|
The Buy Sell Agreement And Its Funding |
|
A proper component in a solid business plan is arranging for succession planning in the event of the death or disability of one of the primary partners in a business. This is typically arranged through your attorney in consultation with your accountant & financial planner.
The basic problem The simplest case would be two equal partners in a business, each owning 50% of the company. In the event of the death of one of the partners their ownership would probably pass through to their estate or the spouse of the deceased partner. The surviving partner is now in business with their partner's spouse, and the surviving spouse is now charged with trying to unload ownership in a company at fire sale prices. The more complex & more common problem Under the same partnership scenario with each owning 50% of the company. What happens if a partner becomes disabled during the working years? Statistically, disability is 7x more common than death during this period. Now one partner takes on 100% of the company burden & may have to continue to pay the other partner. Its easy to see the financial hardship and relationship issues that would be created. Buy Sell Agreement as a solution Enter what is often called a buy sell agreement. An written agreement is put into place that requires the remaining owner to purchase the ownership from the deceased owner's spouse. In the same agreement, the spouse agrees to sell their ownership at a previously agreed upon price. In the event one of the partners dies, the remaining partner automatically gets complete ownership of the company and the surviving spouse gets paid a fair market value for their ownership in the company without any headaches. A very similar structure is used for disability events, but the terms vary greatly from one Buy/Sell agreement to another.

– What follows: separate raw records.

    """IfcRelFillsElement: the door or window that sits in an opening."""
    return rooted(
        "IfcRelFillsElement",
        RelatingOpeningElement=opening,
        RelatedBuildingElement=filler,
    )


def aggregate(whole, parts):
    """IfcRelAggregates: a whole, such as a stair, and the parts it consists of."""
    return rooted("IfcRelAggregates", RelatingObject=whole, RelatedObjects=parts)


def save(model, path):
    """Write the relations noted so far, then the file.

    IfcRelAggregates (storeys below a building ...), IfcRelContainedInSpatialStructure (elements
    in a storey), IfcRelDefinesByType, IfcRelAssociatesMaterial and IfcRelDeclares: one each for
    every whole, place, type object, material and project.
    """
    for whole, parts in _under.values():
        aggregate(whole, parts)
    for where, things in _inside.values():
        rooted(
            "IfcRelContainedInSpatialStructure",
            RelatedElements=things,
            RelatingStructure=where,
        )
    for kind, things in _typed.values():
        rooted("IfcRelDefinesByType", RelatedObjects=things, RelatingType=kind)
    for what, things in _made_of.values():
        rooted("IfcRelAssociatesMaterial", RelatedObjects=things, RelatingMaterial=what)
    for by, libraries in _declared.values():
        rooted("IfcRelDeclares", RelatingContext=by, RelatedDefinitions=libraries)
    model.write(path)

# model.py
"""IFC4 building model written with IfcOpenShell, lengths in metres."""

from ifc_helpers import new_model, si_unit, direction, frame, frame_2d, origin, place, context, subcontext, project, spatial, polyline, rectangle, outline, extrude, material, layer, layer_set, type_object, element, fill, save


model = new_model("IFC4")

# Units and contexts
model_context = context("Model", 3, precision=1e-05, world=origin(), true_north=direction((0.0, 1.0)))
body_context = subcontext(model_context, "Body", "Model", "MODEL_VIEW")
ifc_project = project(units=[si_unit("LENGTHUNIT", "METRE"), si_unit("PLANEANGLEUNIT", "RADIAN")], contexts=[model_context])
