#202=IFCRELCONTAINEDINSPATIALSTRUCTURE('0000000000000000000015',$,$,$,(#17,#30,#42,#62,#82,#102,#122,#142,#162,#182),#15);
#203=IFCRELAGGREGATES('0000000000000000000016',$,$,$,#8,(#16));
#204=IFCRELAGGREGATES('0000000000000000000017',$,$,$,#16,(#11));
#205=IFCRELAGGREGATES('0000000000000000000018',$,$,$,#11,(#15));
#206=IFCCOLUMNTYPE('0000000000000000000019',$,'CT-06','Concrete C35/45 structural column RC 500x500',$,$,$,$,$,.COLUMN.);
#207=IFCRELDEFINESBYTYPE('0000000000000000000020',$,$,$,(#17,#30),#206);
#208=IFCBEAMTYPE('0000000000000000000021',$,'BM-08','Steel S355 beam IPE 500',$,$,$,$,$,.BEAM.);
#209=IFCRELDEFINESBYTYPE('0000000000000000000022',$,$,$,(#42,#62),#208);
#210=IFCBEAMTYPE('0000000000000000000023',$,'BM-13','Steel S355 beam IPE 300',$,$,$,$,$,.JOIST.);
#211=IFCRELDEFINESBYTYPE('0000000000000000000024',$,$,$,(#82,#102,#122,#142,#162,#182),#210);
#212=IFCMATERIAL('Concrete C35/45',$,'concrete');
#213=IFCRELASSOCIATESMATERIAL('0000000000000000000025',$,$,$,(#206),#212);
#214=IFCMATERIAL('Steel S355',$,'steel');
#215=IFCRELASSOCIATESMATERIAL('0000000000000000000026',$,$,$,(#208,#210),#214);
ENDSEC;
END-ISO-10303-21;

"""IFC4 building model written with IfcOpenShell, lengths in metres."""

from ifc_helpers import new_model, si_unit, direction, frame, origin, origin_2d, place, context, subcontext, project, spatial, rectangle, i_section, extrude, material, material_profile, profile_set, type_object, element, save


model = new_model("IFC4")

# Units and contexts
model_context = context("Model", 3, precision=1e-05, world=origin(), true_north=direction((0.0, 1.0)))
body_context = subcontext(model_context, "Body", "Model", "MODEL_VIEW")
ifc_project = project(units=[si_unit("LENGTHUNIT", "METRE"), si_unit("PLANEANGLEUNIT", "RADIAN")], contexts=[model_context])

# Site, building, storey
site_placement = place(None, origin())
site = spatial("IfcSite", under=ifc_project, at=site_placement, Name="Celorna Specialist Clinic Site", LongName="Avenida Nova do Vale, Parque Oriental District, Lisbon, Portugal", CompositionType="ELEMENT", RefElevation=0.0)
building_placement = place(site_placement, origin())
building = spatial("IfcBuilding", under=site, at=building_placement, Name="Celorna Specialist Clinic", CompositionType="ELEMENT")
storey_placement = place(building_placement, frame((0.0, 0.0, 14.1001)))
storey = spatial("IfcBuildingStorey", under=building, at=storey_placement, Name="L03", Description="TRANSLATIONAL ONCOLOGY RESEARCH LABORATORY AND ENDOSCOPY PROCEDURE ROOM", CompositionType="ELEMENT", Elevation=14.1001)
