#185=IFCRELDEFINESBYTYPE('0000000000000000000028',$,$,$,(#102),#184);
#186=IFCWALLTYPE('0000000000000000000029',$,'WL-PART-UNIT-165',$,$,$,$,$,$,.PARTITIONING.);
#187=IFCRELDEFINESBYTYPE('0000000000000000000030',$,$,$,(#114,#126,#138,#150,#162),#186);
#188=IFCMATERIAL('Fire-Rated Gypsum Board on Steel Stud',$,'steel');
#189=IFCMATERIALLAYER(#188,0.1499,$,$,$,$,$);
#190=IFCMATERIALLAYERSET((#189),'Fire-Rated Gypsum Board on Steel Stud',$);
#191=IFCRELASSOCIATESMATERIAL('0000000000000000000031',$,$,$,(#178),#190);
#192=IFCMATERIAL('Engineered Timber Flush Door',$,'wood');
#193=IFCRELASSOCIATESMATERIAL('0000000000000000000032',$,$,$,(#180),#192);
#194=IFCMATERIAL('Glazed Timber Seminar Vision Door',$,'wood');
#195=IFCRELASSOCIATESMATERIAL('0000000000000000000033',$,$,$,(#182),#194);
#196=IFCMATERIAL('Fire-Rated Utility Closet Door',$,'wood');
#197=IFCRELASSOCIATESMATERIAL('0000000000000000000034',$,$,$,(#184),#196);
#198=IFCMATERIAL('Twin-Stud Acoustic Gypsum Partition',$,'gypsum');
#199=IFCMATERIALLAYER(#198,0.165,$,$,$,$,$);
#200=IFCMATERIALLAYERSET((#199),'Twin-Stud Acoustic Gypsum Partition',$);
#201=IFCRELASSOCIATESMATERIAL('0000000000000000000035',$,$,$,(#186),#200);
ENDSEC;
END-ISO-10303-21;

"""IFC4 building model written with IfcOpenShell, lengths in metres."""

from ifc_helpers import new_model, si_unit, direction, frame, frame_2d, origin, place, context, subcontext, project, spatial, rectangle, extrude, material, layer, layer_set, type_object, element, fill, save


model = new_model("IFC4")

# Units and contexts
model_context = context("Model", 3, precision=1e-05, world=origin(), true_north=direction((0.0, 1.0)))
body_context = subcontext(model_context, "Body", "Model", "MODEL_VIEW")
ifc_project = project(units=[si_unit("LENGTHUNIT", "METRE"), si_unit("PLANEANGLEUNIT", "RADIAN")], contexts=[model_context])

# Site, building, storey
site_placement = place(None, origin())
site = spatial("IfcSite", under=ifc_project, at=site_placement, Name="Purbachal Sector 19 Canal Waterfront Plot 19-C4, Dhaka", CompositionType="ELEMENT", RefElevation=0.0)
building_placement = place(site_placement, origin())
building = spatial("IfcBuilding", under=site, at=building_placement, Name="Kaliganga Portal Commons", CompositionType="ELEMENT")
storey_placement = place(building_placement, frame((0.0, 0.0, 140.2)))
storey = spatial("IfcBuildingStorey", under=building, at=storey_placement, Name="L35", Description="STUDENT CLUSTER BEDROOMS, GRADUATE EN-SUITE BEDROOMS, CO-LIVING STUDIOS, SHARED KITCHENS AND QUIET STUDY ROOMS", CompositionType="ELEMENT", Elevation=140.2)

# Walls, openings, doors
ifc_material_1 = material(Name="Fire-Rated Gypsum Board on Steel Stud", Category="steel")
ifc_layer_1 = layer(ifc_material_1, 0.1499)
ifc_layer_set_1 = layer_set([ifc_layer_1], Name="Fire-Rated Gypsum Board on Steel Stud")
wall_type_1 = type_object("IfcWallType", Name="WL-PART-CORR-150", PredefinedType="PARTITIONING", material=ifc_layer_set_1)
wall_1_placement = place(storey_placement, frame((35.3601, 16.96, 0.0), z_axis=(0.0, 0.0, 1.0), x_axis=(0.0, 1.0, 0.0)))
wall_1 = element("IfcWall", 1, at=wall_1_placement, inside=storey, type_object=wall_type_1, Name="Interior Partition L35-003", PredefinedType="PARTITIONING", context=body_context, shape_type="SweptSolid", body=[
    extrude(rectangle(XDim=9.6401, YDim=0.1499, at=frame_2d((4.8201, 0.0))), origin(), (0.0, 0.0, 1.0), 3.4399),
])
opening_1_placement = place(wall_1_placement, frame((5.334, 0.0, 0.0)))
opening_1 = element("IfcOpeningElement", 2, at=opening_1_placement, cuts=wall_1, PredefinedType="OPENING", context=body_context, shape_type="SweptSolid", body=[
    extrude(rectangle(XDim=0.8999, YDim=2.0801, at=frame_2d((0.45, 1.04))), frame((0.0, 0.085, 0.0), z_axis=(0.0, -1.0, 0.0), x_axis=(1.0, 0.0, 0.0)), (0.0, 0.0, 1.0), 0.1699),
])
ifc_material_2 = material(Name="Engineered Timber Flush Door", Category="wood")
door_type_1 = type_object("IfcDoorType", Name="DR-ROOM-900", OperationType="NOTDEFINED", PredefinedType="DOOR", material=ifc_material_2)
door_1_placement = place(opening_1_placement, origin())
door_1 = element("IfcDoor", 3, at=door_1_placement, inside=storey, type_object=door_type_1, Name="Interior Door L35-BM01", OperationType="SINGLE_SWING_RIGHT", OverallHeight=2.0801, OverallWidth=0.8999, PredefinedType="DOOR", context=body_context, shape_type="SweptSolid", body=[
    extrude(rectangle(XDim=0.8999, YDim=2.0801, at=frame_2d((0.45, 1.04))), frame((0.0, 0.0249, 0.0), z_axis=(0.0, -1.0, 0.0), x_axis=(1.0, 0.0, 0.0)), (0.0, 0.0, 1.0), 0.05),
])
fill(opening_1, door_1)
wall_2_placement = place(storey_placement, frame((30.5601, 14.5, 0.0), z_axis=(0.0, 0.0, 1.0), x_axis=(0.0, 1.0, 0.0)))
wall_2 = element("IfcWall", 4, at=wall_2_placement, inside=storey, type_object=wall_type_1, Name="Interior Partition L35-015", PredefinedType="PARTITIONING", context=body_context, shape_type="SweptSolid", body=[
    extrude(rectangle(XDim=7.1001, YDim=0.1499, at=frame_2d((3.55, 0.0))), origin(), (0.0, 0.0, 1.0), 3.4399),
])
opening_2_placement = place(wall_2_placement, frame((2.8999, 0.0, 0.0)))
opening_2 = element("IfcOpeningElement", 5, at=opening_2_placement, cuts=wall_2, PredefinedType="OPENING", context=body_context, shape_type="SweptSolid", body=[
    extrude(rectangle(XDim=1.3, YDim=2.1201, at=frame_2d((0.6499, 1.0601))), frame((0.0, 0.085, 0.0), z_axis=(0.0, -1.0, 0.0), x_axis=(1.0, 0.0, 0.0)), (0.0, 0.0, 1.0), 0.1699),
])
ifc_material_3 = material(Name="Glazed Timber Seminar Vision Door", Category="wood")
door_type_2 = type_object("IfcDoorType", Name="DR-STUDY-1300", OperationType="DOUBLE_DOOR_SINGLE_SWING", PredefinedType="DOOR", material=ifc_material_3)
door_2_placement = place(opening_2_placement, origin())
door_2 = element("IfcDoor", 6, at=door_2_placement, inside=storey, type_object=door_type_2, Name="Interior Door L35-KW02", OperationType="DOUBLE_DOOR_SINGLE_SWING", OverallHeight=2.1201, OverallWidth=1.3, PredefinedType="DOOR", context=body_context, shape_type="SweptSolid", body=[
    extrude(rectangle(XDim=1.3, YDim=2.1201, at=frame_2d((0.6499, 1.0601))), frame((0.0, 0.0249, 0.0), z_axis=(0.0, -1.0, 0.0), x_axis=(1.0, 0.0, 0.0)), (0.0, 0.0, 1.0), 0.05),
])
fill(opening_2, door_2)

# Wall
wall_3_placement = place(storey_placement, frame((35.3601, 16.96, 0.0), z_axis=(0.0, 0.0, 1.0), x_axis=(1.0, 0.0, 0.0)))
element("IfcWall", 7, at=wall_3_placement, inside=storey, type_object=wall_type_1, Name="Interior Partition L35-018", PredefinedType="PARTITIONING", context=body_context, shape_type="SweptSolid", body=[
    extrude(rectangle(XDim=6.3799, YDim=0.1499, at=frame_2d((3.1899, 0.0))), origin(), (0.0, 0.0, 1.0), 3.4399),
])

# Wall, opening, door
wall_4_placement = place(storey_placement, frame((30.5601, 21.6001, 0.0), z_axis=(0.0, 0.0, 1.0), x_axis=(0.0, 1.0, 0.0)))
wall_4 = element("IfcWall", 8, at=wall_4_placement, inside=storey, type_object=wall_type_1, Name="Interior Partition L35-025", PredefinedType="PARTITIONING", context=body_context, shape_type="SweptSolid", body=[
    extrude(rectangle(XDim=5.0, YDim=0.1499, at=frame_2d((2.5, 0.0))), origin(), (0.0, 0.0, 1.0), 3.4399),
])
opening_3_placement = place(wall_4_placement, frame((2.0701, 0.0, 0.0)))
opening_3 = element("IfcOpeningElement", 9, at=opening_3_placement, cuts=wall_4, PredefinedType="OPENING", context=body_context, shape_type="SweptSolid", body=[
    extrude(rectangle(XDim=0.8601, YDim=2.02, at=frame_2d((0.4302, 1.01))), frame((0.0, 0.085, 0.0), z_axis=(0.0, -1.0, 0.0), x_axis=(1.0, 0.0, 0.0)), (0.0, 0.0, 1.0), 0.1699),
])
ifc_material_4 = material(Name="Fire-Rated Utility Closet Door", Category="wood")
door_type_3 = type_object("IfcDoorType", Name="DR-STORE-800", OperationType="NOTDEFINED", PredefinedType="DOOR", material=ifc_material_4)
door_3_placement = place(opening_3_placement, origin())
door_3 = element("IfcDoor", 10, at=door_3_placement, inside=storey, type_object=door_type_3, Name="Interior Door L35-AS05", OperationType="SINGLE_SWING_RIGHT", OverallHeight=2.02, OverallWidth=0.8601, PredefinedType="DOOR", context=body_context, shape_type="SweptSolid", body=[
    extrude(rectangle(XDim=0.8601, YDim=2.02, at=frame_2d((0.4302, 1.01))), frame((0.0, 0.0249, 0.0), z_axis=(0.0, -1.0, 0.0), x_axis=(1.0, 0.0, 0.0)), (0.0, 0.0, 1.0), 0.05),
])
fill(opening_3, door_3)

How to pay for this? The next problem in this arrangement: how is the remaining owner going to make sure they can afford to buy out the spouse? The answer, with life insurance. Each owner purchases life insurance on the life of the other partner. Assurances are put in place that any death benefit must be used to buy out the surviving spouse. Now in the event of the death of a partner, the insurance company pays the remaining partner the death benefit. The surviving spouse sells their ownership in the company to the remaining partner, who uses the death benefit to pay for it. In the event of disability, income is replaced to the individual via a Disability Income insurance contract and to the business with Business Overhead Expense(BOE) coverage.
Be cautious! The above information is only a very simple concept outline of how you might start to structure such an agreement. You will need to have a competent attorney to draft the agreement and a knowledgeable accountant to handle valuation of the company as well as tax issues surrounding the insurance premium and death benefit. And of course an experienced business insurance broker to help tie this all together with cost effective coverage.